# Maine Coon show, 27 June



## policefox lyn (May 25, 2015)

I've recently become the slave of a rescue Maine Coon.
Reading around I've found that there's a MC show in my home town this month. We're keen to meet some more MCs and can combine it with a visit to my folks.
I've read that shows are open to the public in the afternoon. Is there any particular time and will there still be cats there (not all gone home?)
Is anyone from PF going? It's at Wilnecote/Tamworth in Staffordshire.

(We're not going to ever show our boy, this is just to meet a few cats and their owners)


----------



## huckybuck (Jan 17, 2014)

@policefox lyn

Is this the Maine Coon Cat Club one?
http://www.maine-coon-cat-club.com/showing/clubshow/clubshow.html

I would love to have gone but it's my grandmother's 100th birthday party that day so won't be able to make it.
The shows are usually open to the public from 12:30 onwards, the organisers usually insist on the cats staying until the end (around 5 pm) but I would get there early.

I expect Gracie's brother might be there as he is doing well with the GCCF at the moment.
His name is Chicago.


----------



## policefox lyn (May 25, 2015)

Yes, that's the one.
I'm from Tamworth originally and I'm off work that day so it seems prophetic!! There's a good pub for food not too far away so I think that might feature in our plans too! See the parents, nice meal plus cats, what's not to love?
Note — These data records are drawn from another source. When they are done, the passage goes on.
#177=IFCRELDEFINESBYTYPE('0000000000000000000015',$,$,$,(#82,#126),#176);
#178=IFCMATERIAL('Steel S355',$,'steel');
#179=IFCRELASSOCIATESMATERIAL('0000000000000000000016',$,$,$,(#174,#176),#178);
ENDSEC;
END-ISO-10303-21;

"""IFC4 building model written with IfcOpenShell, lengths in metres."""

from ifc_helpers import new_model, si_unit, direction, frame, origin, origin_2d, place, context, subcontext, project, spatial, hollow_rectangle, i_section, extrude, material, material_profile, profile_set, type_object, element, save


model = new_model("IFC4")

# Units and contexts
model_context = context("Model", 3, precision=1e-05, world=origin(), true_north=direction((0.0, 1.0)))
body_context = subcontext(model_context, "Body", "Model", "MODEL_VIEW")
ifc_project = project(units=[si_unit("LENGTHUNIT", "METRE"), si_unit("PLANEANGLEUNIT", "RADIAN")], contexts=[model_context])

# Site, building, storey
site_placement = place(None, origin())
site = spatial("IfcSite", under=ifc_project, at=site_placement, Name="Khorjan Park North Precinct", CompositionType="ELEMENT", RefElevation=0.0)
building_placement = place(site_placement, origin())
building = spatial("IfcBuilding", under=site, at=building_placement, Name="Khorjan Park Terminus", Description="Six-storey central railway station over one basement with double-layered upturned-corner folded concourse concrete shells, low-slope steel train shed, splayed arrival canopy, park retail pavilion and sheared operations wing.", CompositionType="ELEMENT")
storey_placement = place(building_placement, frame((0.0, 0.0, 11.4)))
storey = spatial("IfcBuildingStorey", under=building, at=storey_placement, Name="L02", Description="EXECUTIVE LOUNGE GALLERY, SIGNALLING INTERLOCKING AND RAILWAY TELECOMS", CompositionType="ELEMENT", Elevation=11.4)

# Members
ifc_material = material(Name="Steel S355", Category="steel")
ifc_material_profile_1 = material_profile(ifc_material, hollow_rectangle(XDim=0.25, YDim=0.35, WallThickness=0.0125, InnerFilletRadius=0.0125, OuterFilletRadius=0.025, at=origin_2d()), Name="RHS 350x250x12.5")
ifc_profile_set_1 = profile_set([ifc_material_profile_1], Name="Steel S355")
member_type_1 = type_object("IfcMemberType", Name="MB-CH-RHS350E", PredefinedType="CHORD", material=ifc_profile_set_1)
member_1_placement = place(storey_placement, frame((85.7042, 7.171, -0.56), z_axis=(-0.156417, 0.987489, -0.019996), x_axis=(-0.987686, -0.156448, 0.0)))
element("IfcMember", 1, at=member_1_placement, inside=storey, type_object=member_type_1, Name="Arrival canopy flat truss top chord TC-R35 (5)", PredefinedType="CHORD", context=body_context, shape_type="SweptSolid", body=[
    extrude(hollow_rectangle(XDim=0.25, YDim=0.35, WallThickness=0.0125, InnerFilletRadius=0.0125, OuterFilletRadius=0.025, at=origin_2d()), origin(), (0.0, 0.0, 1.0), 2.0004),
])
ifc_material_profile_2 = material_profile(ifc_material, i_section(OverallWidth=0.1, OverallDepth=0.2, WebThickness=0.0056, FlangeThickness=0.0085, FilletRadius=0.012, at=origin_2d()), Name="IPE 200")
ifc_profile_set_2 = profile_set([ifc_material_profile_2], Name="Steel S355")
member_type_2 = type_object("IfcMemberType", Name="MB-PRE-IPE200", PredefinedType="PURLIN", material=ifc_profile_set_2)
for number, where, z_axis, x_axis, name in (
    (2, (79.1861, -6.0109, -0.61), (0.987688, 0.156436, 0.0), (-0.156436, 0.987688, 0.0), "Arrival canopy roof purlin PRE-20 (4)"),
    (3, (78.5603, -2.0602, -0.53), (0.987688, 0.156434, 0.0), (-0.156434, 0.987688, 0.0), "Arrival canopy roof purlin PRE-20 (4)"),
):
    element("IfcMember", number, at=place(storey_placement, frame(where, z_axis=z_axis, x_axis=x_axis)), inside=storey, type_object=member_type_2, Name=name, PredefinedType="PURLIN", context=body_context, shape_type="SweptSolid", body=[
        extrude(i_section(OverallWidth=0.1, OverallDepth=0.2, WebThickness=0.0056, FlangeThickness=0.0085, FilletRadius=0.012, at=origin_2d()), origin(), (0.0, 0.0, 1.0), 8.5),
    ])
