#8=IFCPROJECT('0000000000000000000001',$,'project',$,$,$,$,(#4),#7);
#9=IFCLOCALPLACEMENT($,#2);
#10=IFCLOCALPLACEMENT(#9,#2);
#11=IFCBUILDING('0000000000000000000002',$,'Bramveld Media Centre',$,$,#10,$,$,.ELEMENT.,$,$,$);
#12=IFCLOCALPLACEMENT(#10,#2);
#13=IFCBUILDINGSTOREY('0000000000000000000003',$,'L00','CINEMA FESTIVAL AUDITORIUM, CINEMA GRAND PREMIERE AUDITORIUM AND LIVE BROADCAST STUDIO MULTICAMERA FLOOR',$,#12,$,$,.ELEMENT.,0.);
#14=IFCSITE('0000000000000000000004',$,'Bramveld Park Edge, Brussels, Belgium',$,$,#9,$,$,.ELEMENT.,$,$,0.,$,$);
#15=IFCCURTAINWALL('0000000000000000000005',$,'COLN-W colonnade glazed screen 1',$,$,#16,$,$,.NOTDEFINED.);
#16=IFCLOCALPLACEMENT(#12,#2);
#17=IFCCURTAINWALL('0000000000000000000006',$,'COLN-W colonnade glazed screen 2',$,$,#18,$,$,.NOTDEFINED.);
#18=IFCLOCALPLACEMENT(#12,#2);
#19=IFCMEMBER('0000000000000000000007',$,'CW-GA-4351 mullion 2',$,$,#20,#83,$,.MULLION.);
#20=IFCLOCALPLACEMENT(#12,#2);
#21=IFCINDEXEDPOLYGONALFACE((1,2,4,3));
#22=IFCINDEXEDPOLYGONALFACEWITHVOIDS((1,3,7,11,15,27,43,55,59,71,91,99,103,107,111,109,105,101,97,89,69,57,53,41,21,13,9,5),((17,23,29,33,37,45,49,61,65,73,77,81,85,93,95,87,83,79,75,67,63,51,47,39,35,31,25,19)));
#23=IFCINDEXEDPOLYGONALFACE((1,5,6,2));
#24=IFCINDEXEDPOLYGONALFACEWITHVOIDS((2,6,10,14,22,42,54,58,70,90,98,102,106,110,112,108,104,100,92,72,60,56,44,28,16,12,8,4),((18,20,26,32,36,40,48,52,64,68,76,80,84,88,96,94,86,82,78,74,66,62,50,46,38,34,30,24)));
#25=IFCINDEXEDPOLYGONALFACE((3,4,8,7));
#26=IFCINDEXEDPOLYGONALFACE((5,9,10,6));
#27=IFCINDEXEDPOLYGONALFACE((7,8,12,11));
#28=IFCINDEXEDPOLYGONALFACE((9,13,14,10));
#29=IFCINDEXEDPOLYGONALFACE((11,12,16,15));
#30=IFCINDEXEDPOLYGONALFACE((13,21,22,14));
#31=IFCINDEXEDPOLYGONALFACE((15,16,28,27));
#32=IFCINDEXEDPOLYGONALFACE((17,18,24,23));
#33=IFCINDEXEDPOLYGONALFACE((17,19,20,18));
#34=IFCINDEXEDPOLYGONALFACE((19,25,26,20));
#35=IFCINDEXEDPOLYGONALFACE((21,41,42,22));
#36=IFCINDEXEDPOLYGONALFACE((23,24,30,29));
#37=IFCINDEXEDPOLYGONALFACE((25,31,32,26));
Thanks for the info, I'll look out for Chicago.


----------



## Steverags (Jul 19, 2010)

The show is open to the public from around 12.30-1pm until they close the show, usually 4.30-5pm, no-one that shows is allowed to leave until they close the show, I will be there with my boy and a couple of kittens, all the way from Essex


----------



## carolmanycats (May 18, 2009)

That one opens to the public at 12.30


----------